Although it has not survived, it was his most famous work, and various quotes and paraphrases were preserved by later writers.

200 BC) was a Stoic philosopher and the son of Dioscorides.. Philosophie / Soziologie Eine umfassende Auswahl zu dem Werk der bekanntesten Philosophen von der Antike bis in die Neuzeit, darunter Platon , Aristoteles , Cicero , Thomas von Aquin , Blaise Pascal , Francis Bacon , René Descartes , Voltaire , Immanuel Kant , Jean Paul , Ludwig Feuerbach , Charles Darwin , Arthur Schopenhauer , Friedrich Nietzsche , Karl Marx , Max Weber . On a voyage between Phoenicia and Peiraeus, his ship sank along with its cargo. Zeno of Tarsus (Greek: Ζήνων ὁ Ταρσεύς, Zenon ho Tarseus; fl. Zeno of Elea (c. 490 – c. 430 BC), philosopher, follower of Parmenides, known for his paradoxes; Zeno of Citium (333 – 264 BC), founder of the Stoic school of philosophy; Zeno of Tarsus (3rd century BC), Stoic philosopher; Zeno of Sidon (1st century BC), Epicurean philosopher; Zeno of Rhodes (not later than 220 BC), historian and politician.
Biography. According to Diogenes Laërtius, he wrote very few books, but left a great number of disciples.

Stoicism is a school of Hellenistic philosophy which was founded by Zeno of Citium, in Athens, in the early 3rd century BC.Stoicism is a philosophy of personal ethics informed by its system of logic and its views on the natural world. An interesting resource in German - zeno.org - despite the annoying advertisements everywhere, it's a good find. Parmenides argued against the validity of our senses and the supposed `truth' they tell us about the world. Zeno was a pupil of Chrysippus, and when Chrysippus died c. 206 BC, he succeeded him to become the fourth scholarch of the Stoic school in Athens.. Zeno ended up in Athens, and while visiting a bookstore he was introduced to the philosophy of Socrates and, later, an Athenian philosopher named Crates. There's plenty of German authors like Hegel, Fichte or Feuerbach and there's no need to suffer through Gothik script. Other persons of antiquity. Zeno, the founder of Stoicism himself experienced one and in a surprising twist, is what put him on the path to philosophy. The Republic (Greek: Πολιτεία) was a work written by Zeno of Citium, the founder of Stoic philosophy at the beginning of the 3rd century BC.

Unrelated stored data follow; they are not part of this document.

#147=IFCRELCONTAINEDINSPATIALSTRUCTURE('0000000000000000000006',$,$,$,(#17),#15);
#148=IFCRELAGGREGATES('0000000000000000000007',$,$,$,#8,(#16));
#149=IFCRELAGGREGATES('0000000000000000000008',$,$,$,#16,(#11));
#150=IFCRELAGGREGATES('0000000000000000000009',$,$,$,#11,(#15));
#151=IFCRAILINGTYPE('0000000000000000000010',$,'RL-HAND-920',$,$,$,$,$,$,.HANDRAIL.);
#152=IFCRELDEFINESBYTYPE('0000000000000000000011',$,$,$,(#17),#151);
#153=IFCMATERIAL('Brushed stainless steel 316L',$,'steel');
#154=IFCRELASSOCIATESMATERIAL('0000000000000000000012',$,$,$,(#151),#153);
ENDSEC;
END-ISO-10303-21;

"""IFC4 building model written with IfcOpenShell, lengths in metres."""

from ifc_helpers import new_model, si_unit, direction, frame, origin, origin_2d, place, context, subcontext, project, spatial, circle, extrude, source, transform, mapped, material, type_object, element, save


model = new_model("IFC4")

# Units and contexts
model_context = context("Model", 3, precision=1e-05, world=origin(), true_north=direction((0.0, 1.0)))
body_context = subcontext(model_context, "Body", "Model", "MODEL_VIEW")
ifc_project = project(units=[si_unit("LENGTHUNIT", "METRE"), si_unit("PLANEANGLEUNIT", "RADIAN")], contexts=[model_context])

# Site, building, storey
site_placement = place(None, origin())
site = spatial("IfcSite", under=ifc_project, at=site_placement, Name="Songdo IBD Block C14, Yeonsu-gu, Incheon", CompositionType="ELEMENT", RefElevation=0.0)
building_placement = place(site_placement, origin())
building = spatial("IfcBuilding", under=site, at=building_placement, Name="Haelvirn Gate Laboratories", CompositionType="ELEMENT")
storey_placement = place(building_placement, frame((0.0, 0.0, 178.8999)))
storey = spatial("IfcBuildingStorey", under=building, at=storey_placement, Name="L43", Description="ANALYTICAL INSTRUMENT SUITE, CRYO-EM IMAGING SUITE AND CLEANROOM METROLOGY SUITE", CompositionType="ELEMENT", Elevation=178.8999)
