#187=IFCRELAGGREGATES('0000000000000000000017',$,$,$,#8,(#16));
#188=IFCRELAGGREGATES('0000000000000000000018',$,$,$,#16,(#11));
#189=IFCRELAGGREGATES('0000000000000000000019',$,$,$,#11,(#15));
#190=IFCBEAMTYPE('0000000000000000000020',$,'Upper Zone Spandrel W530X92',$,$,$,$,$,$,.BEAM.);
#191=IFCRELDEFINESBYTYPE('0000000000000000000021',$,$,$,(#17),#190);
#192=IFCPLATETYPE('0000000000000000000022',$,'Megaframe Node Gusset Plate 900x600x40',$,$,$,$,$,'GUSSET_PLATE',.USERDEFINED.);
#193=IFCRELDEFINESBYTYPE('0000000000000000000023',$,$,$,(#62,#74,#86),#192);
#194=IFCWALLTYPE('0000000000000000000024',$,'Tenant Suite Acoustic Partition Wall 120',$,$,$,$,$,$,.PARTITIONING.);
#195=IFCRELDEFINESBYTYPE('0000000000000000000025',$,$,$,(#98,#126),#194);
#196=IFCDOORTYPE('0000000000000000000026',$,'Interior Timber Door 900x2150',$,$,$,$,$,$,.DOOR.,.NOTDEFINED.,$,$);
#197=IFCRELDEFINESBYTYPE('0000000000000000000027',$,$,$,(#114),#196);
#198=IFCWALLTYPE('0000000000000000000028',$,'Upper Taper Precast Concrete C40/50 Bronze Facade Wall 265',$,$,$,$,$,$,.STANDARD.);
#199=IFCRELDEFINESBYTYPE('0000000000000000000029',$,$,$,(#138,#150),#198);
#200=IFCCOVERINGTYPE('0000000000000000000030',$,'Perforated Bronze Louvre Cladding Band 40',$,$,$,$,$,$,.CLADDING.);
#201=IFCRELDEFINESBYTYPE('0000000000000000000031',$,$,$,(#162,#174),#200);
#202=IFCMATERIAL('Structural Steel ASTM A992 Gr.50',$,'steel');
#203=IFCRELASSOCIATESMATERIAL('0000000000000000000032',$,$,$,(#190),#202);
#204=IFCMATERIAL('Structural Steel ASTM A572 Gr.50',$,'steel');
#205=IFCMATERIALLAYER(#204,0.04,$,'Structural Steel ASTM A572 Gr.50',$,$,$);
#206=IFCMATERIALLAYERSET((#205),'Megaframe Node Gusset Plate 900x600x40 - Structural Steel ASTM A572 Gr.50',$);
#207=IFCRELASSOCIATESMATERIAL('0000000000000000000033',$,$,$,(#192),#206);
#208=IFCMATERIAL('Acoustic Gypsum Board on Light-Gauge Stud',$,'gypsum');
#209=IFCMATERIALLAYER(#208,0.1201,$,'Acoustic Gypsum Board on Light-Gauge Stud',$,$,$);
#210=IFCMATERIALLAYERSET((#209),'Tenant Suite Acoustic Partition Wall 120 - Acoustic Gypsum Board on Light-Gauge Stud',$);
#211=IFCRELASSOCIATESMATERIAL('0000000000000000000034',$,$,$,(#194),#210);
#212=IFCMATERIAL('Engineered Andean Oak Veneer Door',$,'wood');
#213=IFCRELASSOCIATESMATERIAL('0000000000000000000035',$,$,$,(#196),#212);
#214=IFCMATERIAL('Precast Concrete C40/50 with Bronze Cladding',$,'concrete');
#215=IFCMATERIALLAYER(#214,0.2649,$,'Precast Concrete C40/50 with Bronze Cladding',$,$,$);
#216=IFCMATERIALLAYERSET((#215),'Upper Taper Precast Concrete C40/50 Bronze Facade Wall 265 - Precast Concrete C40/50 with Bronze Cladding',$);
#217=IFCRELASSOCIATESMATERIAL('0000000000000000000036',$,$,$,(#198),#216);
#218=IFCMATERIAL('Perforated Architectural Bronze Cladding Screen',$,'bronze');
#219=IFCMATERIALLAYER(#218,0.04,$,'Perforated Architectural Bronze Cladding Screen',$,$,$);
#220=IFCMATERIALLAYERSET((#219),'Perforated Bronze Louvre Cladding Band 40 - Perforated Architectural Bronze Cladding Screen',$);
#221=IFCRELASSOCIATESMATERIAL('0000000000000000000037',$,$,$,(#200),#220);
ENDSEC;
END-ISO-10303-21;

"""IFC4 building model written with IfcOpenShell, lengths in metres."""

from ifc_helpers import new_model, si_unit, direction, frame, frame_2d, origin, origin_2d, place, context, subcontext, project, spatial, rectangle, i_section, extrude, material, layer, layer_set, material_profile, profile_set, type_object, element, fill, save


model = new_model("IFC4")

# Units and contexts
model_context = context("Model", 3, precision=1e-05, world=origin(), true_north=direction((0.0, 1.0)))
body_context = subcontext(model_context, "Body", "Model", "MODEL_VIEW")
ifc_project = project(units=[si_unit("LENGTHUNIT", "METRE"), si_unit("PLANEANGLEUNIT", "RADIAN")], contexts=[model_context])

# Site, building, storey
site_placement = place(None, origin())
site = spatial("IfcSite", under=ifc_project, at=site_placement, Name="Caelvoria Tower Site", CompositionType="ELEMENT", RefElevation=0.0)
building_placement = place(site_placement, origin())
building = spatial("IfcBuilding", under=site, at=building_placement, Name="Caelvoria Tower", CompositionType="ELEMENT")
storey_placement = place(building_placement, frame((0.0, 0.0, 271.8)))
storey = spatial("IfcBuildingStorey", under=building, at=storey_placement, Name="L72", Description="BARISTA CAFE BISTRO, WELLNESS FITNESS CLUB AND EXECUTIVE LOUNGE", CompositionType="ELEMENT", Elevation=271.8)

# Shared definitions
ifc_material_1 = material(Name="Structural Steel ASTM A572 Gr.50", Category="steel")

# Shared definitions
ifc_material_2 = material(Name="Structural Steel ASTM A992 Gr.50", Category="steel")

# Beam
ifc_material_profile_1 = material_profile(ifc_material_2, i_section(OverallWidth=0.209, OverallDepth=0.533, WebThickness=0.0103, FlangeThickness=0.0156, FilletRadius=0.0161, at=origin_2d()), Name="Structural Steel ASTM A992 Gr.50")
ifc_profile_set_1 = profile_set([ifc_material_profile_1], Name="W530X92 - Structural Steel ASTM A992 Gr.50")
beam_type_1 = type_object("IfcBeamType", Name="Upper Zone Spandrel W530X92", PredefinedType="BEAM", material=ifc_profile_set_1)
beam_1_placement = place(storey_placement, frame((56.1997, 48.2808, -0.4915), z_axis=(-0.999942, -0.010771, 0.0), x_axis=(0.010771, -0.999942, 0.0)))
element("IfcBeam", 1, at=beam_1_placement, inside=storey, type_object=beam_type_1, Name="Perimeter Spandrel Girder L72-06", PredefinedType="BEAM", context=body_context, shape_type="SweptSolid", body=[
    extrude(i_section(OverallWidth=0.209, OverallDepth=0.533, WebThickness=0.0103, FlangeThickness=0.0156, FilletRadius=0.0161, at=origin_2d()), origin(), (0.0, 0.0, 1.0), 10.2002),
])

Zeno of Elea (c.465 BCE) was a Greek philosopher of the Eleatic School and a student of the elder philosopher Parmenides (an older contemporary of Socrates).Little is known of Zeno's life outside of his association with the Eleatic School founded by Parmenides. Ehrlich, P., 2014, ‘An Essay in Honor of Adolf Grünbaum’s Ninetieth Birthday: A Reexamination of Zeno’s Paradox of Extension’, Philosophy of Science, 81(4): 654–675. Grünbaum, A., 1967, Modern Science and Zeno’s Paradoxes, Middletown: Connecticut Wesleyan University Press.